Freud fera l’hypothèse, dans Études sur l’hystérie en 1895, qu’il existe chez les patientes présentant une névrose traumatique une prédisposition au trauma. En construisant la théorie de la séduction, Freud fournit la notion de la temporalité en après-coup du traumatisme. Il considère tout d’abord que le trauma est toujours sexuel et qu’il se constitue en deux temps : le premier confronte un enfant à un adulte séducteur. Ce moment n’est pas compris par l’enfant et son sens n’émerge qu’à la puberté et fait alors traumatisme.

Puis, lorsque Freud se confronte à de nombreuses patientes faisant état de traumatisme, il envisage la réalité de la première scène comme pouvant être fantasmatique.
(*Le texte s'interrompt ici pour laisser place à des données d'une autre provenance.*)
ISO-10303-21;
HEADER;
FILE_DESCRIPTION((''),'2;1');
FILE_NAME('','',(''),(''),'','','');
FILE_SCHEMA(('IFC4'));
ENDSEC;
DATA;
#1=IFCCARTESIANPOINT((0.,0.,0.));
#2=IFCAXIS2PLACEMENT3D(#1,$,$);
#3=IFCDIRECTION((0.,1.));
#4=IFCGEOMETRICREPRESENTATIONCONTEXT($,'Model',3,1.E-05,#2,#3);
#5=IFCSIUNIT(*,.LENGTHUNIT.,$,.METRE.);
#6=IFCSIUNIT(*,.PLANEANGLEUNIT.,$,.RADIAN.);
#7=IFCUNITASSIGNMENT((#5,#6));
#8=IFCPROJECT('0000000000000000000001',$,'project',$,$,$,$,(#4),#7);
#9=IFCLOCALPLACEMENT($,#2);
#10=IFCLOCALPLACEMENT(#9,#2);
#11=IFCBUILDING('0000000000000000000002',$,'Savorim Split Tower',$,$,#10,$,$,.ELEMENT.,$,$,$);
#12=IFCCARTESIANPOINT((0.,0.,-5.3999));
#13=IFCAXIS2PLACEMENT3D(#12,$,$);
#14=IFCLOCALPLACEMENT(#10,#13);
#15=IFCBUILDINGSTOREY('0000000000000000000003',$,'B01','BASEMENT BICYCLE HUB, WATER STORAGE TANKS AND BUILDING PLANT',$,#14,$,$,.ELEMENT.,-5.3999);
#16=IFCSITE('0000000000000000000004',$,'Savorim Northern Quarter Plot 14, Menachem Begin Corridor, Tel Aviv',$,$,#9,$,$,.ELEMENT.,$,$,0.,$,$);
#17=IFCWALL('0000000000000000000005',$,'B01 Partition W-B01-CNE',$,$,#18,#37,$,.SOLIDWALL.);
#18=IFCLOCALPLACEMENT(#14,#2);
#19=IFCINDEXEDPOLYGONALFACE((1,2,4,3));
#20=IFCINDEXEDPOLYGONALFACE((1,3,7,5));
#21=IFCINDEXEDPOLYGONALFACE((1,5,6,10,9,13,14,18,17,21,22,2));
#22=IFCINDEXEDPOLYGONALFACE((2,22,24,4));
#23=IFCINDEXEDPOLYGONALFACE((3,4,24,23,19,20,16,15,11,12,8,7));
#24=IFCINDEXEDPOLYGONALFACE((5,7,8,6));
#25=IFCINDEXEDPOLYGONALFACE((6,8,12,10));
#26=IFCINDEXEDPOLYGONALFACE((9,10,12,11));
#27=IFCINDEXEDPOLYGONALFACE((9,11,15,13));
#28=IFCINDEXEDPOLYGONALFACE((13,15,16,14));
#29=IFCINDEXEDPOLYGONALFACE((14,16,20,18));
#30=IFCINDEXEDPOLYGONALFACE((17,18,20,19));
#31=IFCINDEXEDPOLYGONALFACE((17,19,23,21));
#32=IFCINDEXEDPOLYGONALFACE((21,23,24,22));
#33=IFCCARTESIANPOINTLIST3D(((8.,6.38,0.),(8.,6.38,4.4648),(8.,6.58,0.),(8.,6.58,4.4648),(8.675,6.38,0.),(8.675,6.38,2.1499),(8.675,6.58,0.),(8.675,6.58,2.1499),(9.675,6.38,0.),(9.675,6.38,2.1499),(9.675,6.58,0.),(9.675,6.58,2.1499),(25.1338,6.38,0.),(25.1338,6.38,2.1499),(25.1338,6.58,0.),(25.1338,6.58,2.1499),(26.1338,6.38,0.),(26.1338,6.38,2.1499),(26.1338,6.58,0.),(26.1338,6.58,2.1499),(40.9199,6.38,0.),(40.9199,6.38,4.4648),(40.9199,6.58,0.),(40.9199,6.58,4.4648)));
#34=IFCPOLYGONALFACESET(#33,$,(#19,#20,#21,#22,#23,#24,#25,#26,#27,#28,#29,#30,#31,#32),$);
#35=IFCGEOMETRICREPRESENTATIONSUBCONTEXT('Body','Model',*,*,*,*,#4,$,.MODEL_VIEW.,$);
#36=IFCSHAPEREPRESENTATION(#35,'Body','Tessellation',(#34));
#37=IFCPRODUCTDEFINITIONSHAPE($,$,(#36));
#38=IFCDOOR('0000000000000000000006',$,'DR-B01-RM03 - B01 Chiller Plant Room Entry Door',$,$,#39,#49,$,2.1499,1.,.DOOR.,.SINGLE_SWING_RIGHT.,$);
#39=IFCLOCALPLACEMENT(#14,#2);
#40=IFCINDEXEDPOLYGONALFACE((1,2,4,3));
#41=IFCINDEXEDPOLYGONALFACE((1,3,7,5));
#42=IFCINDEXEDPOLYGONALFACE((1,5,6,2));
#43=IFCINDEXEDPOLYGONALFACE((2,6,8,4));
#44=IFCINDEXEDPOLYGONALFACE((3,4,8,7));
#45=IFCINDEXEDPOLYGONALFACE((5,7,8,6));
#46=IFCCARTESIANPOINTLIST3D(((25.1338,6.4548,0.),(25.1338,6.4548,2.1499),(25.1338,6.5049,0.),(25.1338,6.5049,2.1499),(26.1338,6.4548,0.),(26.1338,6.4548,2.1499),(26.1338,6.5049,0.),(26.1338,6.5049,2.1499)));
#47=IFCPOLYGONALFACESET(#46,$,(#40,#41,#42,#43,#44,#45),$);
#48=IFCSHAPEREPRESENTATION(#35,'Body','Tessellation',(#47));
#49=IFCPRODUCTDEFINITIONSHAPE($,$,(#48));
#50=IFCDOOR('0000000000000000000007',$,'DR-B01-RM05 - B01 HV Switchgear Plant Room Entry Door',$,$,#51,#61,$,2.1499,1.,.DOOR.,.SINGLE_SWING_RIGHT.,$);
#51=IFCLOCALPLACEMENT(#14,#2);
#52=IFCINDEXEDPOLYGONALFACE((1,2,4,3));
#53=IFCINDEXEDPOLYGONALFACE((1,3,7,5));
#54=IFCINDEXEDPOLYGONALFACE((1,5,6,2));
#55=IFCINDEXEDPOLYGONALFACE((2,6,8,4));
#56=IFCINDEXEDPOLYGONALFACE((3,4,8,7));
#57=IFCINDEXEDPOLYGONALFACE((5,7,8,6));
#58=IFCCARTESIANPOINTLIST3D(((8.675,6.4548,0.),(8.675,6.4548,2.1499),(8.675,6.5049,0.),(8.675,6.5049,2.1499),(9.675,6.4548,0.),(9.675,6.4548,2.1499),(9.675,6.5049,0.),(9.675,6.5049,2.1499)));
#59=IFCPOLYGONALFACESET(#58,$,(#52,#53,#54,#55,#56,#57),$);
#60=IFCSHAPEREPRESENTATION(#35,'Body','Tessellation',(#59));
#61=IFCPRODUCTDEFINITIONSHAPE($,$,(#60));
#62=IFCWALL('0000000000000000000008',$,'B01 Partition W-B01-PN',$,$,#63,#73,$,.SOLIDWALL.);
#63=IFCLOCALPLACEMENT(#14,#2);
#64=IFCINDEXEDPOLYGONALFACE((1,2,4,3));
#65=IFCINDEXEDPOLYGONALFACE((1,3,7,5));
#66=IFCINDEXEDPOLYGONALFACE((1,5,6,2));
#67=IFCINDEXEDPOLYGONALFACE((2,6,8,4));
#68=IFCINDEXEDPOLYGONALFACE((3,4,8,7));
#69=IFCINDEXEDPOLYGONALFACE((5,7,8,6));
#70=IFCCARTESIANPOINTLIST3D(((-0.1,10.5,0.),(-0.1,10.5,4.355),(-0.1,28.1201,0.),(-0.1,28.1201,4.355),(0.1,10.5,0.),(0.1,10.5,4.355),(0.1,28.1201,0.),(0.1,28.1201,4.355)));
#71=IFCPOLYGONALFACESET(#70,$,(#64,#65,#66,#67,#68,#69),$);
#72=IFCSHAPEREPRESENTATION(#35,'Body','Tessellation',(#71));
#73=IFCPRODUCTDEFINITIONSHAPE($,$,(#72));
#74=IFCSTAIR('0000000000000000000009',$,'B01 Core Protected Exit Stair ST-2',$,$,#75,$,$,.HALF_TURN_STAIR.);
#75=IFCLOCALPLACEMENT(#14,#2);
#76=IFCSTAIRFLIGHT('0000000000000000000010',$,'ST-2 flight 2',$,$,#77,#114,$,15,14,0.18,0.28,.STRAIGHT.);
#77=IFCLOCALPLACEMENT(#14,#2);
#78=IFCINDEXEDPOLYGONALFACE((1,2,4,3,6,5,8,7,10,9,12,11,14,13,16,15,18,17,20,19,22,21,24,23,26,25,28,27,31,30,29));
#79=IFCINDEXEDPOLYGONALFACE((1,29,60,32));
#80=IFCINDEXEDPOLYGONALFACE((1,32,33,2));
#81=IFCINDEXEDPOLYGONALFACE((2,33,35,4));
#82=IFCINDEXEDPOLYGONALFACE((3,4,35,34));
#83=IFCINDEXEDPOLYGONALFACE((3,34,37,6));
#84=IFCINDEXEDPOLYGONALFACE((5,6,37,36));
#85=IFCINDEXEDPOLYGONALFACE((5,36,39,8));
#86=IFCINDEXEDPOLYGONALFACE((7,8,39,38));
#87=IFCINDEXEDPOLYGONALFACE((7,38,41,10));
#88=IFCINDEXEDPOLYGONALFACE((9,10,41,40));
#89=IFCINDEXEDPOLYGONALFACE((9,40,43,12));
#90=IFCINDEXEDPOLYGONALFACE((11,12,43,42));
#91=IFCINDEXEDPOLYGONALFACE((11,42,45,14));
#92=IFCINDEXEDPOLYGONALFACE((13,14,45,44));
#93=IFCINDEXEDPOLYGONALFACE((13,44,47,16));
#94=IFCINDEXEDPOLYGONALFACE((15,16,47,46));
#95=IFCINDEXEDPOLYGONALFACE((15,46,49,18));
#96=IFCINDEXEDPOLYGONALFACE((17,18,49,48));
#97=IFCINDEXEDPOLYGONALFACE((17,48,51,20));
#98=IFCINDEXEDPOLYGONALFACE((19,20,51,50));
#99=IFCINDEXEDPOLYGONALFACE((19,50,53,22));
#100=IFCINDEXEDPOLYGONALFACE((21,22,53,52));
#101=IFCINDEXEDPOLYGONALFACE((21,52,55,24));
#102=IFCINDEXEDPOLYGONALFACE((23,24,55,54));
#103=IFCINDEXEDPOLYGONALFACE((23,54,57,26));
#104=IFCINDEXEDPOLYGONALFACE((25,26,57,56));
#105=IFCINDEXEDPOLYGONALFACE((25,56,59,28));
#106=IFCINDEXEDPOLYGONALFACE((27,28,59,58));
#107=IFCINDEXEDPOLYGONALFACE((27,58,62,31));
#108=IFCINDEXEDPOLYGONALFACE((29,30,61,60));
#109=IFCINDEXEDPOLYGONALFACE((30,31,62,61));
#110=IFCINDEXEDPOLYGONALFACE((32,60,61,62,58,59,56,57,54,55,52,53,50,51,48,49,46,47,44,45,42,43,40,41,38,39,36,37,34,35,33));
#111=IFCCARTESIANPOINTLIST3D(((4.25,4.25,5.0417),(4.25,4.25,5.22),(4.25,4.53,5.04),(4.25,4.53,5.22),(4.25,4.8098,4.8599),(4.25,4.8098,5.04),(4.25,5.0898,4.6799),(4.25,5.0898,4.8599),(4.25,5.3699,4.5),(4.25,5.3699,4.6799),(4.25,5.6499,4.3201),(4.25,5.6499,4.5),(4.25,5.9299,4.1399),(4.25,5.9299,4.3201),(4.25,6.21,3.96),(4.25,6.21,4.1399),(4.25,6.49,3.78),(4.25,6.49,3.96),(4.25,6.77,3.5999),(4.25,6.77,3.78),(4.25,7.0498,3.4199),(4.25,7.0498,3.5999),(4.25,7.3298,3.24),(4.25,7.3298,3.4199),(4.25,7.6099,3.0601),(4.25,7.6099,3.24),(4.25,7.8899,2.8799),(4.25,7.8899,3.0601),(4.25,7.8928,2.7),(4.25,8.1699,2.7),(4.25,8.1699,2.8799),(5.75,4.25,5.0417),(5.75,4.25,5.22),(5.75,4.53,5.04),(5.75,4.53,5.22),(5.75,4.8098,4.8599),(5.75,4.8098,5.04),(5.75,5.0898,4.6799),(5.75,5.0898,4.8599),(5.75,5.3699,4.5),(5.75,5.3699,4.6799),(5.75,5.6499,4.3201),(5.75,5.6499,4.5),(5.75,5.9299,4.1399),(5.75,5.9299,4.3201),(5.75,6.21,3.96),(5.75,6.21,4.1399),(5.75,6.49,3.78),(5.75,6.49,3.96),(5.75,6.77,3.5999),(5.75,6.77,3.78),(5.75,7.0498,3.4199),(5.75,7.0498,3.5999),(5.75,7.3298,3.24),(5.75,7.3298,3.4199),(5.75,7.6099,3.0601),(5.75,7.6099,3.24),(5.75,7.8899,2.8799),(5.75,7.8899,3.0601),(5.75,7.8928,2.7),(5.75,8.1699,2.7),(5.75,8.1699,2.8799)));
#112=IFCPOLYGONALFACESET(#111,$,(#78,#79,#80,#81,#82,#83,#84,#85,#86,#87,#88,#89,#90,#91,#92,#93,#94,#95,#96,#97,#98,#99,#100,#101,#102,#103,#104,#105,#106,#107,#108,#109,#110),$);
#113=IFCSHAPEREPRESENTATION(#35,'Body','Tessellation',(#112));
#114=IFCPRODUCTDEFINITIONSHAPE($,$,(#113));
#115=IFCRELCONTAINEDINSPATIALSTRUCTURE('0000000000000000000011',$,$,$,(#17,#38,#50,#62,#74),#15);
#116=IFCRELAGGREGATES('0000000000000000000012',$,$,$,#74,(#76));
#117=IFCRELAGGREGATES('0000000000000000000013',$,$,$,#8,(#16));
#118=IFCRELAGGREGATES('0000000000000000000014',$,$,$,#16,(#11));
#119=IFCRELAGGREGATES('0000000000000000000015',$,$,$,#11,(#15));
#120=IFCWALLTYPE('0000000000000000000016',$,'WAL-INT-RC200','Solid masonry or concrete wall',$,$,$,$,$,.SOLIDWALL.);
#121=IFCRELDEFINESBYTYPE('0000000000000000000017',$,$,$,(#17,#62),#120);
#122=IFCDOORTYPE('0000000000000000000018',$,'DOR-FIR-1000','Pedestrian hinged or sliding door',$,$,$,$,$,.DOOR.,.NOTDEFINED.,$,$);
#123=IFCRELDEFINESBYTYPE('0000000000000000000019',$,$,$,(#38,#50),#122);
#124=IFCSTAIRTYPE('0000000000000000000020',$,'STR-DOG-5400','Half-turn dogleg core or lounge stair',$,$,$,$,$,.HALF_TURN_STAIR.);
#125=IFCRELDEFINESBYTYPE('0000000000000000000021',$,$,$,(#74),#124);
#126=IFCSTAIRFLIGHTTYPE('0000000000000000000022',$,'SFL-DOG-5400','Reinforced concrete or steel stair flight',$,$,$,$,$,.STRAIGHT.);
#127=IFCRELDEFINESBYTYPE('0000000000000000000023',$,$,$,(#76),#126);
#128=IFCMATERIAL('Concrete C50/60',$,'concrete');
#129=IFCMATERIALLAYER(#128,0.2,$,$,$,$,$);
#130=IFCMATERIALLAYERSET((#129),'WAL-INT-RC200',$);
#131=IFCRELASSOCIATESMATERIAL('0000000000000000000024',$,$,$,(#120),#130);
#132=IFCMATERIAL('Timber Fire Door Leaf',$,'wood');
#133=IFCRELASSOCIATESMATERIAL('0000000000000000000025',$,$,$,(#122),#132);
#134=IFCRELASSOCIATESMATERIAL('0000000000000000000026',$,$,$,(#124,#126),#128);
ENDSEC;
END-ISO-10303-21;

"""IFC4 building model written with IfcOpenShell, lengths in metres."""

from ifc_helpers import new_model, si_unit, direction, frame, frame_2d, origin, place, context, subcontext, project, spatial, polyline, rectangle, outline, extrude, material, layer, layer_set, type_object, element, fill, aggregate, save


model = new_model("IFC4")

# Units and contexts
model_context = context("Model", 3, precision=1e-05, world=origin(), true_north=direction((0.0, 1.0)))
body_context = subcontext(model_context, "Body", "Model", "MODEL_VIEW")
ifc_project = project(units=[si_unit("LENGTHUNIT", "METRE"), si_unit("PLANEANGLEUNIT", "RADIAN")], contexts=[model_context])

# Site, building, storey
site_placement = place(None, origin())
site = spatial("IfcSite", under=ifc_project, at=site_placement, Name="Savorim Northern Quarter Plot 14, Menachem Begin Corridor, Tel Aviv", CompositionType="ELEMENT", RefElevation=0.0)
building_placement = place(site_placement, origin())
building = spatial("IfcBuilding", under=site, at=building_placement, Name="Savorim Split Tower", CompositionType="ELEMENT")
storey_placement = place(building_placement, frame((0.0, 0.0, -5.3999)))
storey = spatial("IfcBuildingStorey", under=building, at=storey_placement, Name="B01", Description="BASEMENT BICYCLE HUB, WATER STORAGE TANKS AND BUILDING PLANT", CompositionType="ELEMENT", Elevation=-5.3999)

# Shared definitions
ifc_material_1 = material(Name="Concrete C50/60", Category="concrete")

# Shared definitions
ifc_material_2 = material(Name="Timber Fire Door Leaf", Category="wood")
Nous retiendrons de cette première théorisation le fait que, pour Freud, ce qui fait traumatisme n’est pas l’événement en tant que tel mais la mobilisation particulière des affects, des représentations et des fantasmes qui sont directement bouleversés.

90 Freud et Breuer reprennent les travaux de Janet dans Communication préliminaire en 1893 et proposent les concepts de réminiscences et de catharsis afin de décrire les mécanismes psychologiques qui permettent aux souvenirs du fait traumatique de passer d’un état non élaboré à une élaboration. Ils décrivent les mécanismes en jeu dans la névrose traumatique comme une impossibilité de faire le lien entre « l’état pathologique et l’état conscient ». Le sujet traumatisé ne peut se décharger des affects encombrants.

La thérapie consiste alors à établir chez le sujet un phénomène de catharsis lui permettant d’élaborer l’événement source de la pathologie. Cette méthode cathartique fait revivre l’événement dans le but de libérer la charge d’affect lui étant associée et engendrant les troubles actuels.

Dans un second temps, Freud abandonne l’hypnose pour favoriser l’association libre lors de laquelle le patient redonne du sens à son psychisme. Bien que Freud par la suite s’intéresse moins à la névrose traumatique, sa modélisation de la nécessité de la catharsis pour permettre l’élaboration reste une avancée fondamentale dans le traitement des névroses.

En 1916, dans Au-delà du principe de plaisir, Freud revient sur l’impact économique du traumatisme et définit le traumatisme psychique en tant qu’ « effraction étendue » de l’appareil psychique. Face aux évènements, les capacités du pare-excitation sont débordées. Le psychisme met alors en place des stratégies défensives et adaptatives telles que la répétition de la scène. Freud (1916) introduit la notion de réalité psychique et met en avant l’importance du « terrain » psychique dans la résonnance de l’évènement traumatogène qui fera ou pas traumatisme en fonction de l’expérience subjective de la personne.

Pour Freud, le refoulé originaire de l’événement traumatique ne peut être retrouvé, le traumatisme se créé du rapport dialectique entre l’événement, sa réalité psychique et les fantasmes qui en sont issus.

Ferenczi (1932), ami, disciple et patient de Freud, échange tout au long de sa vie avec lui et développe, en s’en différenciant, les théories freudiennes. Selon lui, le refoulement originaire de l’événement peut être retrouvé et analysé grâce à la cure. Ferenczi propose une approche mettant en avant l’aspect évènementiel du trauma. Selon Ferenczi, le trauma peut trouver son origine dans une expérience traumatique avec l’objet où celui-ci a effracté la pensée. Il se distingue de la théorie freudienne en concevant l’objet comme responsable du traumatisme infantile.

91 La clinique auprès d’enfants a permis à Ferenczi de développer la question du traumatisme autour de l’endommagement narcissique durant la prime enfance. Notre étude porte sur les adolescents ayant vécu des traumatismes précoces du fait de la défaillance des objets primaires ; ainsi, il nous semble important d’explorer plus particulièrement les théories concernant les traumatismes infantiles afin d’étudier ensuite ses répercussions sur le processus adolescent.